Optimum wellness encompasses much: health and vitality (Physical); wisdom and presence (Emotional); knowledge and skill (Mental); and peace and harmony (Spiritual). Would you say either of these two individuals is on a path to achieve it:
- The typical “muscle-head” in the gym who works out to the extreme, focused solely on the Physical, strengthening muscles and shaping his physique?
- The quintessential starving mystic in a cave, meditating to the extreme with no care for the material world, focused on Mental life?
The obvious answer is no, neither.
And it’s not that chemistry, physiology and other Physical factors don’t matter. They do. So do intention, belief and other Mental factors. But they matter ONLY in the context of their relationships and interdependence with the Emotional and Spiritual aspects that make us who we are. Those define our needs and how our bodies actually work, and hence, how best to support the healing process that only our bodies – Physical, Emotional, Mental and Spiritual – in concert with The Divine can achieve.
Context, as they say, matters. In fact, it means everything.
Whenever we ignore the pragmatic truth of our holistic design and unique role each aspect of our being fulfills, we get into trouble. Each is important. Each must be acknowledged, honored, appropriately assessed and appropriately worked with to engender the greatest degree of healing possible.
This is the antithesis of magical thinking. Healing requires more than just thinking or praying, meditating or feeling. It requires action.
What we THINK and what we DO together generate the momentum of our lives. If we don’t like where the momentum of our past thinking and behavior is taking us, then we need to change what we think and do in the now. This alters momentum in order to generate new desirable outcomes in our lives.

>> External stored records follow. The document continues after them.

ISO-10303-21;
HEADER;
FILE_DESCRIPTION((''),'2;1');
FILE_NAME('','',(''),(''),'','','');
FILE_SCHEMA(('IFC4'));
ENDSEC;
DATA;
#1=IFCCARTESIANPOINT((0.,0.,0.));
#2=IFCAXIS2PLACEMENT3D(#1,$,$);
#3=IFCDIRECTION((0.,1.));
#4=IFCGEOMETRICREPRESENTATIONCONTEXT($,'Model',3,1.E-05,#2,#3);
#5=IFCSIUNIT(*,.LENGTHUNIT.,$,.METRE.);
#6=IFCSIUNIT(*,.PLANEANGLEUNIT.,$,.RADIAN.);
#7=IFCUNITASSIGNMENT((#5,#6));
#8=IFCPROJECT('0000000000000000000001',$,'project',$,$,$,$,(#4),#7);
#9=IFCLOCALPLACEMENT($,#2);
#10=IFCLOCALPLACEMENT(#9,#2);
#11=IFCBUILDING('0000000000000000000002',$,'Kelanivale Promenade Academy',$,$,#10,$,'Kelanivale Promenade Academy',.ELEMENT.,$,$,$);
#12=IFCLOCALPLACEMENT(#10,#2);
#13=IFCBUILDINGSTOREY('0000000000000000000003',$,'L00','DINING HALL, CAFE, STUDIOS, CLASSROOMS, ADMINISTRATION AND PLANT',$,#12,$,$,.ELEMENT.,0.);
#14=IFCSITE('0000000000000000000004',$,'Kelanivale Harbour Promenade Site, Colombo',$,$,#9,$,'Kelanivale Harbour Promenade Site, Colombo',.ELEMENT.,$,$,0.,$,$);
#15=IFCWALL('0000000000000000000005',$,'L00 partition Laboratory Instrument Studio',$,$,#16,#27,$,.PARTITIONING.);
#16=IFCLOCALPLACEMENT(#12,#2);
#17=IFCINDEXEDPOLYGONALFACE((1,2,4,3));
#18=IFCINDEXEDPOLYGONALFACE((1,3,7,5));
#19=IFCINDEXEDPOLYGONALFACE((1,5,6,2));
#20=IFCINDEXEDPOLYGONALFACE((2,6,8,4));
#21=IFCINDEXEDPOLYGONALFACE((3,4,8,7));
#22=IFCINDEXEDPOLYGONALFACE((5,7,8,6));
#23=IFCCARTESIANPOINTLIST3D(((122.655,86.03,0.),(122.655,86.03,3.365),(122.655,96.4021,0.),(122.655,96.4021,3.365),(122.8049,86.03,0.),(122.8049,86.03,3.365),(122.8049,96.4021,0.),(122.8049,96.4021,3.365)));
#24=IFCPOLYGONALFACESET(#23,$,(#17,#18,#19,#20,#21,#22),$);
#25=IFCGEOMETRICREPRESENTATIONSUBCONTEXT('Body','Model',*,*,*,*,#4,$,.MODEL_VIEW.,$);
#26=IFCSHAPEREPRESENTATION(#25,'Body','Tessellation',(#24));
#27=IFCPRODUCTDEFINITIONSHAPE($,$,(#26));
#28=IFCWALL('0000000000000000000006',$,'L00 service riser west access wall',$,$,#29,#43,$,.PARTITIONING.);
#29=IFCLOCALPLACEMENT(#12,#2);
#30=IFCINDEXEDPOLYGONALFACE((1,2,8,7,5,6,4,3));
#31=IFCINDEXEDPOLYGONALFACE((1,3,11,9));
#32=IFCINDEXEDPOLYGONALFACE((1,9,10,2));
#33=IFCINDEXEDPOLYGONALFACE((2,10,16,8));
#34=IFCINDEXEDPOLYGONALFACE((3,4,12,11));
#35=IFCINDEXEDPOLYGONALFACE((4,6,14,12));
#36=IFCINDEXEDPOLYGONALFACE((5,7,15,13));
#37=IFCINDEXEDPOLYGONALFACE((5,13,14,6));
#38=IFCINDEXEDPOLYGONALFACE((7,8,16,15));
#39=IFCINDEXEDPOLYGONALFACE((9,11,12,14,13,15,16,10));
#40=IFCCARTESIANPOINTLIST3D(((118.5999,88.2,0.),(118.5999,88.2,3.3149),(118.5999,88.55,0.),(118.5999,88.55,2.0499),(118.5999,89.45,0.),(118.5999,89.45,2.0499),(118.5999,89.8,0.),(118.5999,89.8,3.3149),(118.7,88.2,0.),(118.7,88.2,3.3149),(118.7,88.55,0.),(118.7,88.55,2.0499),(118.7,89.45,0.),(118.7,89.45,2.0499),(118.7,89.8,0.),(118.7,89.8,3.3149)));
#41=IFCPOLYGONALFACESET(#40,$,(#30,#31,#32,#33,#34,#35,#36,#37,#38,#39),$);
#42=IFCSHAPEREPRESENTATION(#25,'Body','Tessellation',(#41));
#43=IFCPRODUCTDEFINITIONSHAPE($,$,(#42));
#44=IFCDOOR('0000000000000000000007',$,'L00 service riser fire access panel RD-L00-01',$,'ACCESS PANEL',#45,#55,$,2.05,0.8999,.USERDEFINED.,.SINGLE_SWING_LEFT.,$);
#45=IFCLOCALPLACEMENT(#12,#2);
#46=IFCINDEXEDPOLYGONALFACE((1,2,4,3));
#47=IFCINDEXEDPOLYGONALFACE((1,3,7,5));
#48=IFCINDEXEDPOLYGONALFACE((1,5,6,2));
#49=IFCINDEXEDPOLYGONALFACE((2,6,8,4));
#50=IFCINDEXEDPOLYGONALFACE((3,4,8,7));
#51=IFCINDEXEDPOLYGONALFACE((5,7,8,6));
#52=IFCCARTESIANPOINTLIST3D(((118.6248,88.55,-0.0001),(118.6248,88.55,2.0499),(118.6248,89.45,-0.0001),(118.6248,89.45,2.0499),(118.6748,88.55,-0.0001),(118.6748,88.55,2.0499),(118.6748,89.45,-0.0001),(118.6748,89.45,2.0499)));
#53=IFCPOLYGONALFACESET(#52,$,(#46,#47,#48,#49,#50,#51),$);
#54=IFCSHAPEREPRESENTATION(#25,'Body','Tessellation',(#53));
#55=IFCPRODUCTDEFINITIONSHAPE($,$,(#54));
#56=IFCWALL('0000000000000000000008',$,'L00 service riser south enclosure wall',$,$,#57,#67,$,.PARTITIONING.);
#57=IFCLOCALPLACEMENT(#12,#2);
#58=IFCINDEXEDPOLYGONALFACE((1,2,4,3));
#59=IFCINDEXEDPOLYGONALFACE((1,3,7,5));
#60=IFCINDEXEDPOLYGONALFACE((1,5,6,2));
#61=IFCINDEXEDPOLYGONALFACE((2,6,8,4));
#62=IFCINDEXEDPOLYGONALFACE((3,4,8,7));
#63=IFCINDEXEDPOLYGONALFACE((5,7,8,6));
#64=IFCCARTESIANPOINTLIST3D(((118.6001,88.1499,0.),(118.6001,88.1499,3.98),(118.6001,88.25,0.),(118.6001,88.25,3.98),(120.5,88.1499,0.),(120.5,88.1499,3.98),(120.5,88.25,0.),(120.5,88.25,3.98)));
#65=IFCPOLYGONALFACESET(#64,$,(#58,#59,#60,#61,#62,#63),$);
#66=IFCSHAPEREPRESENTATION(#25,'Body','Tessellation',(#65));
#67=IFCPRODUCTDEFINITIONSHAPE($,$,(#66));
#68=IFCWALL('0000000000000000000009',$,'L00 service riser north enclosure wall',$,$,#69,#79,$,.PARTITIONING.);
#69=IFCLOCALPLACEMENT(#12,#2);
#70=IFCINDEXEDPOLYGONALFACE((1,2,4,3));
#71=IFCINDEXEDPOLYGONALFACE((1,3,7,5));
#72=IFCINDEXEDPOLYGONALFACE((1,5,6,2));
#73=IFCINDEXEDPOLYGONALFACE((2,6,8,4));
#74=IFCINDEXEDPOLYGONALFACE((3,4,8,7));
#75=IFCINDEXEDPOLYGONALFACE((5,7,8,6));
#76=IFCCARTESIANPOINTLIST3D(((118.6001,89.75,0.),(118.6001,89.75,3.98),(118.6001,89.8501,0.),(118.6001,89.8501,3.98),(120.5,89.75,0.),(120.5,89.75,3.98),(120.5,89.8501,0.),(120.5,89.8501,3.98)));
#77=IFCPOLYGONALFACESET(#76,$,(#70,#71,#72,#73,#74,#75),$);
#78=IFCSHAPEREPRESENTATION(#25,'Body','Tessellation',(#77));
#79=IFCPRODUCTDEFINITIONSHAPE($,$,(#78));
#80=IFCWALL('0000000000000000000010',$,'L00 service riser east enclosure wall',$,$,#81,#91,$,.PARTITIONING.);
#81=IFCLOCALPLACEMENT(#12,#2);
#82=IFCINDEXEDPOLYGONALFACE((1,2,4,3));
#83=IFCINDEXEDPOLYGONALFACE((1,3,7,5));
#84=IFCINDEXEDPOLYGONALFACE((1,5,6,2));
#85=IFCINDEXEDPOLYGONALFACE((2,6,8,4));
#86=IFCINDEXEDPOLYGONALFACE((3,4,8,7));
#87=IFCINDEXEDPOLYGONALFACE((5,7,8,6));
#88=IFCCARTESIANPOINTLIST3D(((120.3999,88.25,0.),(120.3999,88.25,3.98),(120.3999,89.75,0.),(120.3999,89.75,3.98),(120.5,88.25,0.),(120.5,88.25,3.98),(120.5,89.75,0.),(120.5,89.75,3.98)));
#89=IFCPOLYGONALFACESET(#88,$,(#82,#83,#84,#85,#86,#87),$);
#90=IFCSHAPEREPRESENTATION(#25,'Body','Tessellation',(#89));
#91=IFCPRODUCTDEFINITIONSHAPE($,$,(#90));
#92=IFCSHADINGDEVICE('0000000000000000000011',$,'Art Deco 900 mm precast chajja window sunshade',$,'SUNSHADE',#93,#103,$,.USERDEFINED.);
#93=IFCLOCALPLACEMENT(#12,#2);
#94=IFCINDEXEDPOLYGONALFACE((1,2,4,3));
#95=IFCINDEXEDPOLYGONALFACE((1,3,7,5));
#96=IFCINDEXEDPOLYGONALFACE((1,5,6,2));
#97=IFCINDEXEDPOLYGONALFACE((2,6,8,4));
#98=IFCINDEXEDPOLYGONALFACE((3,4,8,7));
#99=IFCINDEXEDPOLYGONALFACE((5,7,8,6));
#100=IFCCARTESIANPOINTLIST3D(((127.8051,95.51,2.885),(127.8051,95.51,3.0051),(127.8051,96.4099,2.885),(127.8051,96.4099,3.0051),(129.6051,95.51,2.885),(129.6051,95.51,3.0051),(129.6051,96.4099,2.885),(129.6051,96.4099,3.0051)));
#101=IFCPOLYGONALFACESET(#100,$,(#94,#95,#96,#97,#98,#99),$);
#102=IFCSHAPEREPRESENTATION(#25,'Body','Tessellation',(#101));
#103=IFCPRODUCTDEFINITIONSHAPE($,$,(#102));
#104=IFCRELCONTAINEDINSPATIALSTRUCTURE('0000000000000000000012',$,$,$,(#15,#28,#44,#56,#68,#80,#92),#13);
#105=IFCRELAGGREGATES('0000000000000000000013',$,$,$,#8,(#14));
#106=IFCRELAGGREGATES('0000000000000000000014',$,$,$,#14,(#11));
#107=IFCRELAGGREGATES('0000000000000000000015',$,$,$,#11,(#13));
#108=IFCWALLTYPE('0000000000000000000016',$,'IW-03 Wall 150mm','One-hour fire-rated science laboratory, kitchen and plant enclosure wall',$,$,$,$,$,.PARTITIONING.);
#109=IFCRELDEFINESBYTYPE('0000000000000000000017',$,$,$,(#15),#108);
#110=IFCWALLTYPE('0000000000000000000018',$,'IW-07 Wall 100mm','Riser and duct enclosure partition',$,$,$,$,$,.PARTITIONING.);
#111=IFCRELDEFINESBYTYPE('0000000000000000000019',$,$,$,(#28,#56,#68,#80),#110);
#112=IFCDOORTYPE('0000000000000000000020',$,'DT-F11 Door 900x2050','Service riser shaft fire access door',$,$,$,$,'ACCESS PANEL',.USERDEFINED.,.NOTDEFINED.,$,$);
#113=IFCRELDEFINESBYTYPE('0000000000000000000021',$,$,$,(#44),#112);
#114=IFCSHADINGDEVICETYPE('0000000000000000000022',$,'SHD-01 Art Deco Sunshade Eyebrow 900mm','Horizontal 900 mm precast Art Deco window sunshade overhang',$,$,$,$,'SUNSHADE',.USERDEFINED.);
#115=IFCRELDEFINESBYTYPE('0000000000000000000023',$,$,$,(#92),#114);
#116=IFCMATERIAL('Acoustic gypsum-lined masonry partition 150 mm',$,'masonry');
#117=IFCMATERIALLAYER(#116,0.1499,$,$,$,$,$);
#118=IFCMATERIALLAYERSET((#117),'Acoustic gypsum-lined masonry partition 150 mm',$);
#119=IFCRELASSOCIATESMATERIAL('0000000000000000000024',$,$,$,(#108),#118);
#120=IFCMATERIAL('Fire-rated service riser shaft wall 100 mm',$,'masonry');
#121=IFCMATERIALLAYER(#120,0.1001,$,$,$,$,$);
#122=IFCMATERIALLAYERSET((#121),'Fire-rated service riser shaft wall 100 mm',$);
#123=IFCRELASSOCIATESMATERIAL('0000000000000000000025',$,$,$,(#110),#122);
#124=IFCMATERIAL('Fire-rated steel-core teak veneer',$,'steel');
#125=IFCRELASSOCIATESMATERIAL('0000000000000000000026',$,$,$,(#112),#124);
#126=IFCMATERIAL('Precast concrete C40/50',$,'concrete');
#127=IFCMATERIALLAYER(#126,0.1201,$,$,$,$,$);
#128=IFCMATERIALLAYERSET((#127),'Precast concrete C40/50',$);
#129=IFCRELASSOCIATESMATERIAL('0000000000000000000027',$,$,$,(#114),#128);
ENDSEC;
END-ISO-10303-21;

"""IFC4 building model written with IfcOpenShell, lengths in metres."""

from ifc_helpers import new_model, si_unit, direction, frame, frame_2d, origin, origin_2d, place, context, subcontext, project, spatial, rectangle, extrude, material, layer, layer_set, type_object, element, fill, save


model = new_model("IFC4")

# Units and contexts
model_context = context("Model", 3, precision=1e-05, world=origin(), true_north=direction((0.0, 1.0)))
body_context = subcontext(model_context, "Body", "Model", "MODEL_VIEW")
ifc_project = project(units=[si_unit("LENGTHUNIT", "METRE"), si_unit("PLANEANGLEUNIT", "RADIAN")], contexts=[model_context])

# Site, building, storey
site_placement = place(None, origin())
site = spatial("IfcSite", under=ifc_project, at=site_placement, Name="Kelanivale Harbour Promenade Site, Colombo", LongName="Kelanivale Harbour Promenade Site, Colombo", CompositionType="ELEMENT", RefElevation=0.0)
building_placement = place(site_placement, origin())
building = spatial("IfcBuilding", under=site, at=building_placement, Name="Kelanivale Promenade Academy", LongName="Kelanivale Promenade Academy", CompositionType="ELEMENT")
storey_placement = place(building_placement, origin())
storey = spatial("IfcBuildingStorey", under=building, at=storey_placement, Name="L00", Description="DINING HALL, CAFE, STUDIOS, CLASSROOMS, ADMINISTRATION AND PLANT", CompositionType="ELEMENT", Elevation=0.0)

# Shared definitions
ifc_material_1 = material(Name="Acoustic gypsum-lined masonry partition 150 mm", Category="masonry")
ifc_layer_1 = layer(ifc_material_1, 0.1499)
ifc_layer_set_1 = layer_set([ifc_layer_1], Name="Acoustic gypsum-lined masonry partition 150 mm")
wall_type_1 = type_object("IfcWallType", Name="IW-03 Wall 150mm", Description="One-hour fire-rated science laboratory, kitchen and plant enclosure wall", PredefinedType="PARTITIONING", material=ifc_layer_set_1)

# Shared definitions
ifc_material_2 = material(Name="Fire-rated steel-core teak veneer", Category="steel")

# Wall
wall_1_placement = place(storey_placement, frame((122.73, 86.03, 0.0), z_axis=(0.0, 0.0, 1.0), x_axis=(0.0, 1.0, 0.0)))
element("IfcWall", 1, at=wall_1_placement, inside=storey, type_object=wall_type_1, Name="L00 partition Laboratory Instrument Studio", PredefinedType="PARTITIONING", context=body_context, shape_type="SweptSolid", body=[
    extrude(rectangle(XDim=10.3721, YDim=0.1499, at=frame_2d((5.186, 0.0))), origin(), (0.0, 0.0, 1.0), 3.365),
])

# Wall, opening, door
ifc_material_3 = material(Name="Fire-rated service riser shaft wall 100 mm", Category="masonry")
ifc_layer_2 = layer(ifc_material_3, 0.1001)
ifc_layer_set_2 = layer_set([ifc_layer_2], Name="Fire-rated service riser shaft wall 100 mm")
wall_type_2 = type_object("IfcWallType", Name="IW-07 Wall 100mm", Description="Riser and duct enclosure partition", PredefinedType="PARTITIONING", material=ifc_layer_set_2)
wall_2_placement = place(storey_placement, frame((118.6499, 88.2, 0.0), z_axis=(0.0, 0.0, 1.0), x_axis=(0.0, 1.0, 0.0)))
wall_2 = element("IfcWall", 2, at=wall_2_placement, inside=storey, type_object=wall_type_2, Name="L00 service riser west access wall", PredefinedType="PARTITIONING", context=body_context, shape_type="SweptSolid", body=[
    extrude(rectangle(XDim=1.6001, YDim=0.1001, at=frame_2d((0.8, 0.0))), origin(), (0.0, 0.0, 1.0), 3.3149),
])
opening_1_placement = place(wall_2_placement, frame((0.3501, 0.0, 0.0)))
opening_1 = element("IfcOpeningElement", 3, at=opening_1_placement, cuts=wall_2, PredefinedType="OPENING", context=body_context, shape_type="SweptSolid", body=[
    extrude(rectangle(XDim=0.8999, YDim=2.05, at=frame_2d((0.45, 1.0249))), frame((0.0, 0.0601, 0.0), z_axis=(0.0, -1.0, 0.0), x_axis=(1.0, 0.0, 0.0)), (0.0, 0.0, 1.0), 0.1201),
])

We cannot merely use vivid mental imagery to take the place of real world pragmatism. The mind is a powerful thing, to be sure, but just thinking about drinking water won’t keep you hydrated, nor just imagining brushing your teeth keep them clean. Mind is only one of the Four Essential Aspects of Humanity, and only when allowed to function in its proper station and relation to the other three is true healing enabled and the restoration of health achieved.
As Goethe wrote, “Knowing is not enough; we must apply. Willing is not enough; we must do.”